Alternately fascinated with the activity of his accessory respiratory muscles and heartbroken at the image of my stepdad standing at the side of Poppa’s bed, resting his hand protectively on his father’s forehead, I thought about how death has a presence. There wasn’t a single one of us in that room who wasn’t certain Poppa was going to leave us in a matter of moments.

I sat quietly in the back of the room watching our broken old man who looked so little like the jolly Poppa I had gotten to know over the past 10 years. If this is what patients look like in the ICU – barely human anymore – I wondered how I would have tried to relate to them on my rotation if I hadn’t first been to the ICU with my own loved one.
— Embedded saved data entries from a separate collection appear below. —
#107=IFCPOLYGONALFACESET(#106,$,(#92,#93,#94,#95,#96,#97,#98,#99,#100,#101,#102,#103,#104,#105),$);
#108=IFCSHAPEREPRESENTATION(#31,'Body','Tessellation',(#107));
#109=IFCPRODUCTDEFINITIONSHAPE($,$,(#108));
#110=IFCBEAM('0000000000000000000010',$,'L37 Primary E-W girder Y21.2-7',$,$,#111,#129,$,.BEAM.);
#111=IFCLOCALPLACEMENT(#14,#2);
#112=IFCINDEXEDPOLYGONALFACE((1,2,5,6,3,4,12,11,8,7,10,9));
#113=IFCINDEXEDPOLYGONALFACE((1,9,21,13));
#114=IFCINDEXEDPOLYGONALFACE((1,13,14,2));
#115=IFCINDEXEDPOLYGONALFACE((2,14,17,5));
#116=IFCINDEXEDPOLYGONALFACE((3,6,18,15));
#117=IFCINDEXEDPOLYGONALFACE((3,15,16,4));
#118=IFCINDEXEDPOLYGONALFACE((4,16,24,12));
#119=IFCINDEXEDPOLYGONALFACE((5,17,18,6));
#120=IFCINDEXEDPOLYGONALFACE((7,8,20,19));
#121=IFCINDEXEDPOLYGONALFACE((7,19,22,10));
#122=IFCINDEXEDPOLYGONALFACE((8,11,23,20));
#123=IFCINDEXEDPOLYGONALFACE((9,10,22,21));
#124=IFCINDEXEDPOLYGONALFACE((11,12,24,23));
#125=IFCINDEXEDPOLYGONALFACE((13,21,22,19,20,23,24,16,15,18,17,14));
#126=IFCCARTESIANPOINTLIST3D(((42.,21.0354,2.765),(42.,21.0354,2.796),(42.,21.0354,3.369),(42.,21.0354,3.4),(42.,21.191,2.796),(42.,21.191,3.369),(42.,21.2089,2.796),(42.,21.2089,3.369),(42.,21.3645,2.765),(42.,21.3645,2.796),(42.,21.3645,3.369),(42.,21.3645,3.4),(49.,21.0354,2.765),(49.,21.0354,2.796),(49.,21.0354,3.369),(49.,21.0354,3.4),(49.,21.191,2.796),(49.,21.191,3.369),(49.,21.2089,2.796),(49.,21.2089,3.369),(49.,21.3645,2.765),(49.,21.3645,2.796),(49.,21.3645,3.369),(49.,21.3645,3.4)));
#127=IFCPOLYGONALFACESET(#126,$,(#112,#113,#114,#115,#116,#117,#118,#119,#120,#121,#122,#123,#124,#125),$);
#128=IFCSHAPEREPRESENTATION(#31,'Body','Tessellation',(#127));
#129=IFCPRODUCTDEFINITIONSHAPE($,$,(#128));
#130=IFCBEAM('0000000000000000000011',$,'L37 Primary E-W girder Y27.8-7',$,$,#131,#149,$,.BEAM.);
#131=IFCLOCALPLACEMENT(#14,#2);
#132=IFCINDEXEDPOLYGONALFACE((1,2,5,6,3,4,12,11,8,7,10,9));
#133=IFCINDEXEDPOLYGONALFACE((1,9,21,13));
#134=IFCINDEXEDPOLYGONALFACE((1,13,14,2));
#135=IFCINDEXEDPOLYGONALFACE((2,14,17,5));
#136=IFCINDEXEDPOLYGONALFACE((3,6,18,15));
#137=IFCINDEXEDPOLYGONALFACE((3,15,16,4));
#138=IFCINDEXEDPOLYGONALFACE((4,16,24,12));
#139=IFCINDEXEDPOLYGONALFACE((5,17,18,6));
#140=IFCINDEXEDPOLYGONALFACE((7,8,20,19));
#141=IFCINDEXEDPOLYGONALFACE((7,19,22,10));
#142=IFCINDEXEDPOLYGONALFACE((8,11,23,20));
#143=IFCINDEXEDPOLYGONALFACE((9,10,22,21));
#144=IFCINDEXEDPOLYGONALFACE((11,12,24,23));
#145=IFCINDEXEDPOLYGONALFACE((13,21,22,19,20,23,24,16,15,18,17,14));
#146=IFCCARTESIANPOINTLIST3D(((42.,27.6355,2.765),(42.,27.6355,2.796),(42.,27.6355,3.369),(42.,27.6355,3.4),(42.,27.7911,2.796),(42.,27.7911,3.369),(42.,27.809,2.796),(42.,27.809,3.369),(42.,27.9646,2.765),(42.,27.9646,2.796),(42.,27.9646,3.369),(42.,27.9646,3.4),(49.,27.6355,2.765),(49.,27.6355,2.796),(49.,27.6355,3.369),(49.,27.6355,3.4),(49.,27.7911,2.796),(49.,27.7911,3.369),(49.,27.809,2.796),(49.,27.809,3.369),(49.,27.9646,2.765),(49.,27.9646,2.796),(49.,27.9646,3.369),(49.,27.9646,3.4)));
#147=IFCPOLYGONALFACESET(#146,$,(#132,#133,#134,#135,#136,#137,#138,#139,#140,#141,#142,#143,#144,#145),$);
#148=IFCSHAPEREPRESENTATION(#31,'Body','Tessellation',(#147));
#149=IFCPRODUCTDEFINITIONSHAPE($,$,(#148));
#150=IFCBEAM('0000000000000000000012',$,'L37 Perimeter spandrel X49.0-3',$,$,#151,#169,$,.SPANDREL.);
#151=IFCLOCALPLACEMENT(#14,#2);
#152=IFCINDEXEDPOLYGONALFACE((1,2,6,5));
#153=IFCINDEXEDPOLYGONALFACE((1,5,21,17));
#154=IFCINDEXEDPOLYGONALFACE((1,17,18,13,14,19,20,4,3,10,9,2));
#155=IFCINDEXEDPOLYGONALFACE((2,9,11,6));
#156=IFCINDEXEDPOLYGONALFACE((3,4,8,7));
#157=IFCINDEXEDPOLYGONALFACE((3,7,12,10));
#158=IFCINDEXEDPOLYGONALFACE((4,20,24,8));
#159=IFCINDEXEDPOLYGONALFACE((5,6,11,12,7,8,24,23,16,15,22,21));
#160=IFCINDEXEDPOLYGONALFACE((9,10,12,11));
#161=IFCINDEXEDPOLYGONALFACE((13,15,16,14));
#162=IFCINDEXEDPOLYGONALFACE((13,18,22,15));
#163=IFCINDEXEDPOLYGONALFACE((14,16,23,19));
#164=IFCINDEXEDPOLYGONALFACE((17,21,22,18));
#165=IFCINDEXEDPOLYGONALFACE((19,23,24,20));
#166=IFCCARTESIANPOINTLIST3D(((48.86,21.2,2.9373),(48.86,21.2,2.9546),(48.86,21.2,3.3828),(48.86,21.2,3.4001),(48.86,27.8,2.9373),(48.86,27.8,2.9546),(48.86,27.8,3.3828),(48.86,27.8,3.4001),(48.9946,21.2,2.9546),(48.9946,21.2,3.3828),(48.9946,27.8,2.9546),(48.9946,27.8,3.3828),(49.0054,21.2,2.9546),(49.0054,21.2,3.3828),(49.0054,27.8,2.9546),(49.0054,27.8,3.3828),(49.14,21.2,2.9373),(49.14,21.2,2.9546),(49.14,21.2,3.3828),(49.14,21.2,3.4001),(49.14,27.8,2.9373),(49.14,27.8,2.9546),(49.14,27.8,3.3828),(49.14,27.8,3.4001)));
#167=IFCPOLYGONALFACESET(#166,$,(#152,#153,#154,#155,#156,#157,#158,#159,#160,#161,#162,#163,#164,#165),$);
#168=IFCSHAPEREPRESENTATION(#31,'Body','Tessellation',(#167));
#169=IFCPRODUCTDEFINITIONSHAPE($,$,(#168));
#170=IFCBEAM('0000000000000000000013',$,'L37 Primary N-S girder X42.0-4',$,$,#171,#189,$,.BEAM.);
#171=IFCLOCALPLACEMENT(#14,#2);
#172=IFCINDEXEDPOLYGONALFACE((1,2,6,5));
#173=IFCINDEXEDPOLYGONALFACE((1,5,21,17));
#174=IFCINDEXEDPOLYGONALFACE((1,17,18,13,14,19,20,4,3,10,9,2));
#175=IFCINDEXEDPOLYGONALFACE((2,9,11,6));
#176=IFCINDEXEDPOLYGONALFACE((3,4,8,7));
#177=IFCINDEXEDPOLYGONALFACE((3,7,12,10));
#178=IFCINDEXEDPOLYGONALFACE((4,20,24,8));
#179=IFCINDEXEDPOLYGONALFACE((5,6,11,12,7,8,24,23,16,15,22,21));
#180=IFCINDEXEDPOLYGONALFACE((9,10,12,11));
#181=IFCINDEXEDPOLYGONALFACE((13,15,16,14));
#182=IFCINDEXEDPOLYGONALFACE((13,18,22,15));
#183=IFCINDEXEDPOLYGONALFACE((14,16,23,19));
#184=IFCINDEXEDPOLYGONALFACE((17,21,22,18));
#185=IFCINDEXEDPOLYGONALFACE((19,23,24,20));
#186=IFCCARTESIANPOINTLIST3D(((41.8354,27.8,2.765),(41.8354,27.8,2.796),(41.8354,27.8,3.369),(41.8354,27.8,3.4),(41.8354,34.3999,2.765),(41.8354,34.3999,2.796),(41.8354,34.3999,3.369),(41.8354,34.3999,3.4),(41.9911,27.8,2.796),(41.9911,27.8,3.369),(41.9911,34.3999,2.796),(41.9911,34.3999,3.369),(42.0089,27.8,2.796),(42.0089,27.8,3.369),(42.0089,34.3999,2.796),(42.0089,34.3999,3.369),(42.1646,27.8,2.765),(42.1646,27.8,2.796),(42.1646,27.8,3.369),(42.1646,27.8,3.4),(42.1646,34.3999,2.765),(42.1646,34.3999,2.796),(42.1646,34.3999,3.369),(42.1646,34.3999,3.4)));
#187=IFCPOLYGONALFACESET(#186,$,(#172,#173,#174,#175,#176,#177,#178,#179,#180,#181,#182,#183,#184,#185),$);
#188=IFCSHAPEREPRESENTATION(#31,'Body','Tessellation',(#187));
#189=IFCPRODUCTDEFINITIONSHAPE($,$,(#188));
The answer came the next day, at our open-casket wake. Poppa looked like himself again. This is how I will remember him, resting peacefully, almost ready to sit up and tell us another joke. I still can’t believe how the coroners re-infused my grandfather’s body with his personality after it had been stripped away during his medical emergencies.

Aside from the memories and family that Poppa gave me, I’m so thankful that his parting gift to me was helping me understand how dehumanizing the ICU can be. I hope that when I go to clinics in a year, I’ll remember the difference between the man I knew and the man I saw on a hospital bed.

Natalia Birgisson is a first-year medical student at Stanford. She is half Icelandic, half Venezuelan and grew up moving internationally before coming to Stanford for college. She is interested in neurosurgery, global health, and ethics. Natalia loves running and baking; when she’s lucky the two activities even out. 

Image by Niels Olson

3 Responses to “ Introduction to the ICU: My grandfather’s passing gift ”

  1. Mara Violanti Says:

    You captured that perfectly Natalia. I will not forget the final hours I spent at my dad’s bedside as he slipped away from us. I am glad, however, that when I’m lucky enough to dream of him in my sleep, my dad is the healthy, vigorous, engaging man I most loved – not the one that leukemia broke-down and stole from us.

  2. Tim O' Says:

    This is the most beautiful statement out of the entire weeklong event. As the word suggest (passing) one would hope it to be a truthful gift. This is not always the case. My father, while he was alive, lived. He saw the tree through the forest. It is beautiful to know he did the same in passing so that others could live.
    With love from a grateful uncle and a loving son.

  3. Shimpa Says:

    Thanks for sharing this. As a teacher, I plan on using your narration with my students.
    I know your experience and learning will strike a chord and send a message to new learners.
    It’s all about passing the baton – only not many realise each of us has a baton to pass. Your maturity in realising this is commendable.